A linux script file, genansinv.sh, is providied for this purpose. The script has 3 input parameters, either through input arguments or script variables. These parameters will impact the target DSE cluster topology information (as presented in the Ansible inventory file) a bit. Please adjust accordingly for your own case.

  1. Script input argument: number of seed nodes per DC, default at 1
  genansinv.sh [<number_of_seeds_per_dc>]
  1. Script variable: the name of the application DSE cluster:
  DSE_APPCLUSTER_NAME="MyAppCluster"
  1. Script variable: the name of the OpsCenter monitoring cluster:
   DSE_OPSCCLUSTER_NAME="OpscCluster"

A template of the generated Ansible inventory file looks like this.

5. Extended Ansible Framework for DSE and OpsCenter Installation and Configuration

Compared with the previous Ansible framework of installing and configuring DSE clusters, the version in this repository has extended features (through new Ansible playbooks):

  1. dse_install.yml: installs and configures a multi-DC DSE cluster.
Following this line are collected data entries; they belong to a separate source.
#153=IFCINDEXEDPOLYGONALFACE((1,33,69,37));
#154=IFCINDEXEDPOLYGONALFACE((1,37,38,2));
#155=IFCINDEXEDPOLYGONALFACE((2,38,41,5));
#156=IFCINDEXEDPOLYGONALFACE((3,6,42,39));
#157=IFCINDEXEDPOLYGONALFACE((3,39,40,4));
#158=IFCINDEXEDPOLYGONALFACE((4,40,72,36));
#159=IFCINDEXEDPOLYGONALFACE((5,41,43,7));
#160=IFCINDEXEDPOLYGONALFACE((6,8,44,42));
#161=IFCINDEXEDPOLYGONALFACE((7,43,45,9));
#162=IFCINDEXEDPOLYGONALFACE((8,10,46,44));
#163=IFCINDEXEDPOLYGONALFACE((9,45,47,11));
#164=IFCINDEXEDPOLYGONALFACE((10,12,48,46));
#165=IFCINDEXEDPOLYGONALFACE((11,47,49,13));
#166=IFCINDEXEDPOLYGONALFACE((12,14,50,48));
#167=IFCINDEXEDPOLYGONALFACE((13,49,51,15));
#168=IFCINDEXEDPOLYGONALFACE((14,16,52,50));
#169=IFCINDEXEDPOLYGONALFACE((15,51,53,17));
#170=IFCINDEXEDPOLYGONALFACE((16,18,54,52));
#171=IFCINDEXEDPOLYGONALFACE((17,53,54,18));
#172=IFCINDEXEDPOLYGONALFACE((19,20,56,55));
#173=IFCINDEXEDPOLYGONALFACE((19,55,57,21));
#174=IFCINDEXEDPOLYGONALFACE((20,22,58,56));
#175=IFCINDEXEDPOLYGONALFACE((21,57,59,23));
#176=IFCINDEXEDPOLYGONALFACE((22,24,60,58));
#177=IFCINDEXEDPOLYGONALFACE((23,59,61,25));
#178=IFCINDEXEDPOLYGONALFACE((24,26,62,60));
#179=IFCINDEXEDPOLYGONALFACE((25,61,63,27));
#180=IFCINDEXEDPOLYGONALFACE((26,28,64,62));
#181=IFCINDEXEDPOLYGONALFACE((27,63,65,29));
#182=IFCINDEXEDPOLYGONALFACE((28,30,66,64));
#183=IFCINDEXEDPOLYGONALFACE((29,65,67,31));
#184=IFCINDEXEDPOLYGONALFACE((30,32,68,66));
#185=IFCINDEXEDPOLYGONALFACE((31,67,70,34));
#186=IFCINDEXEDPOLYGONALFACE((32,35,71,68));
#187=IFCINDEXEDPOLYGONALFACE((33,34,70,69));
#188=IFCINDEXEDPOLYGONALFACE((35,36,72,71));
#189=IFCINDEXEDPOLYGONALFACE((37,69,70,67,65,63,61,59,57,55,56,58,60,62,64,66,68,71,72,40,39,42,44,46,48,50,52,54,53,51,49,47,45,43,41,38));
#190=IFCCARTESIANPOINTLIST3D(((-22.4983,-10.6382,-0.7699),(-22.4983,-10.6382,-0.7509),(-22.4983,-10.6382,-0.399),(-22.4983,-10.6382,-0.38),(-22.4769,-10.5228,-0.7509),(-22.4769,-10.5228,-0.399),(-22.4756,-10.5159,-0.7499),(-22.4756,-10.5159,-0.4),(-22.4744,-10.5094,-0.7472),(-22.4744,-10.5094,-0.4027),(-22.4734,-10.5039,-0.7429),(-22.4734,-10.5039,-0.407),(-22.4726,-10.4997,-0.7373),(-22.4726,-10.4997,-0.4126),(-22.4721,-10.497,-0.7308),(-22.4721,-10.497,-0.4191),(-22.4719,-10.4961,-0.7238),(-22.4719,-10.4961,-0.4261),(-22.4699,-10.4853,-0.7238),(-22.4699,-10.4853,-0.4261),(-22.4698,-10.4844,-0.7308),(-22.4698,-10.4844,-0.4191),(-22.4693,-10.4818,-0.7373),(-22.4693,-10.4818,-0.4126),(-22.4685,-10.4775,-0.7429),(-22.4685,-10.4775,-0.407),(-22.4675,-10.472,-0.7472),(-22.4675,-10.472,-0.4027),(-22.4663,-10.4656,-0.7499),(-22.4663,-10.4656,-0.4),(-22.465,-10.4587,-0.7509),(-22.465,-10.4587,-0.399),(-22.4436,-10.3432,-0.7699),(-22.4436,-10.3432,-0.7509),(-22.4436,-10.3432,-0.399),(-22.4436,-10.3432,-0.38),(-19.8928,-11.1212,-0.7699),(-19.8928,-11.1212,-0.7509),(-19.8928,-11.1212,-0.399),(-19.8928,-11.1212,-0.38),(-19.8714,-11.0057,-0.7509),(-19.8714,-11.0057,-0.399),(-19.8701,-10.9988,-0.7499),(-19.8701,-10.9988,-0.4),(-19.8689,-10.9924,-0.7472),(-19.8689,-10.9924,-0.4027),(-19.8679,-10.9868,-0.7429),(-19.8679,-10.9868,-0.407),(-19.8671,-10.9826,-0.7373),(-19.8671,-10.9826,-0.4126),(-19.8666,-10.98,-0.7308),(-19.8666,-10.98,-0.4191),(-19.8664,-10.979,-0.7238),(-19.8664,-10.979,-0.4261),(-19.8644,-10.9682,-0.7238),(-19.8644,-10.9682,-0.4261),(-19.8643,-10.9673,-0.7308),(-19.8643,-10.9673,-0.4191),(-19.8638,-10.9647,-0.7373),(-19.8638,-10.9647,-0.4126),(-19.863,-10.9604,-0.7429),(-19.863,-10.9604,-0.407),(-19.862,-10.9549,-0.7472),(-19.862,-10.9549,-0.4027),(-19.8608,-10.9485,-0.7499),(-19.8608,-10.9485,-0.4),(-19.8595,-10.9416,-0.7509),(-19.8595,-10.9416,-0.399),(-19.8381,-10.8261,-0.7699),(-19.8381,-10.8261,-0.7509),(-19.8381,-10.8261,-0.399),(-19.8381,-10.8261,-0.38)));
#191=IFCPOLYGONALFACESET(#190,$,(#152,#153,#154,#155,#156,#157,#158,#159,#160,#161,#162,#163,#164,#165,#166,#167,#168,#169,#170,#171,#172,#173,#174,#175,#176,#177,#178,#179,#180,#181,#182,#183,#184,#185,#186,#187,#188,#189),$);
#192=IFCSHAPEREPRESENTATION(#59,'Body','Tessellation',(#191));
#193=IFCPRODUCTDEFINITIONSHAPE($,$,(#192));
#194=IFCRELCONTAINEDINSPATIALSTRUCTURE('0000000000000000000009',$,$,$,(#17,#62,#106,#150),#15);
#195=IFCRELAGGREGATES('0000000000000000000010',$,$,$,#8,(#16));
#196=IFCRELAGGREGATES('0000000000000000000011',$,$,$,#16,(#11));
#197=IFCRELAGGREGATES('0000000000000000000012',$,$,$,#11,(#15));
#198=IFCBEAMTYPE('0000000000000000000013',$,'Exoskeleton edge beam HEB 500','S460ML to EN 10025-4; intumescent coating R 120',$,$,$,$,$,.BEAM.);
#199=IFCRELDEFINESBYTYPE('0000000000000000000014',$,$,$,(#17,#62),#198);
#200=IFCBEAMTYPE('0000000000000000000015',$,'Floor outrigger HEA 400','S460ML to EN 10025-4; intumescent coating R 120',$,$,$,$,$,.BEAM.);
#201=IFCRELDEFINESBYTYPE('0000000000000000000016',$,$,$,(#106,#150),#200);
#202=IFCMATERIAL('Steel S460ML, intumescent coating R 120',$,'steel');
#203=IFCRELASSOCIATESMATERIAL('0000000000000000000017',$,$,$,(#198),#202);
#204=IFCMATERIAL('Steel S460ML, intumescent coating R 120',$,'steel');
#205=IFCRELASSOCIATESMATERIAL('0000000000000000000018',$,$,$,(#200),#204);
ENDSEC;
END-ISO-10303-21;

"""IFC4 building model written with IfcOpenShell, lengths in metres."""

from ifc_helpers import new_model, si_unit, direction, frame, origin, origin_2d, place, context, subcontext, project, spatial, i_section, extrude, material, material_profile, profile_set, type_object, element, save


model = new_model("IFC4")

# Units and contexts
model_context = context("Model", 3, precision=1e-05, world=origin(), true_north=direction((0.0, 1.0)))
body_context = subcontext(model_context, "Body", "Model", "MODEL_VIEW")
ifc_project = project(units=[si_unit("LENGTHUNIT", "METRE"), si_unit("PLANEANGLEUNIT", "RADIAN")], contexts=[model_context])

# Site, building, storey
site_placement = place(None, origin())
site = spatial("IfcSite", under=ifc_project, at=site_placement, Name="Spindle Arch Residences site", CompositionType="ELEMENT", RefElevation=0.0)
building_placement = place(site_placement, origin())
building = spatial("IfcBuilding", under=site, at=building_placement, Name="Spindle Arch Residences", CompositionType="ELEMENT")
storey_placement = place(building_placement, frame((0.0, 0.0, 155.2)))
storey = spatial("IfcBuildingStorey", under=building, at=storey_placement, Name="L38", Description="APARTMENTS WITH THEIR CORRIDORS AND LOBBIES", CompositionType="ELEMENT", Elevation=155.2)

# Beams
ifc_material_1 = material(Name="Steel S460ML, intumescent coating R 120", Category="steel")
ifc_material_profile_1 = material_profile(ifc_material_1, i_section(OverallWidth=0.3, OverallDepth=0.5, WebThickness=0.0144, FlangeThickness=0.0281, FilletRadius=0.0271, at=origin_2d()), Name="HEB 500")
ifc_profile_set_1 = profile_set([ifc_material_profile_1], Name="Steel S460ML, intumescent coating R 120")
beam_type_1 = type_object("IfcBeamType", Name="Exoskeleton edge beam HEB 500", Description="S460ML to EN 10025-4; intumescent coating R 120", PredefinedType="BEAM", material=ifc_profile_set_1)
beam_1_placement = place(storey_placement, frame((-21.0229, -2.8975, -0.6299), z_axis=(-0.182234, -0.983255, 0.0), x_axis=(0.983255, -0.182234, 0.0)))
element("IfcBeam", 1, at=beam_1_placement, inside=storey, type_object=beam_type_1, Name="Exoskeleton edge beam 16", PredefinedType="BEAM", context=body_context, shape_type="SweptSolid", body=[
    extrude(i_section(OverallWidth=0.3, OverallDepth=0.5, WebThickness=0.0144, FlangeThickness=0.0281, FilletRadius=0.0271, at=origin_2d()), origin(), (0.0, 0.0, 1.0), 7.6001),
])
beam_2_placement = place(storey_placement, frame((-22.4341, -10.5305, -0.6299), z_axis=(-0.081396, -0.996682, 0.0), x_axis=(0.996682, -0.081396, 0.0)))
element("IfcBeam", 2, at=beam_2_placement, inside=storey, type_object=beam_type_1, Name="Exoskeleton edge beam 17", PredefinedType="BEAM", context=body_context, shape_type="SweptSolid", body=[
This is the same functionality as the previous version.
  2. opsc_install.yml: installs OpsCenter server, datastax-agents, and configures accordingly to allow proper communication between OpsCenter server and datastax-agents.
  3. osparm_change.yml: configures OS/Kernel parameters on each node where DSE is installed, as per Recommended production settings from DataStax documentation.

For operational simplicity, a linux script file, runansi.sh, is provided to execute these Ansible playbooks.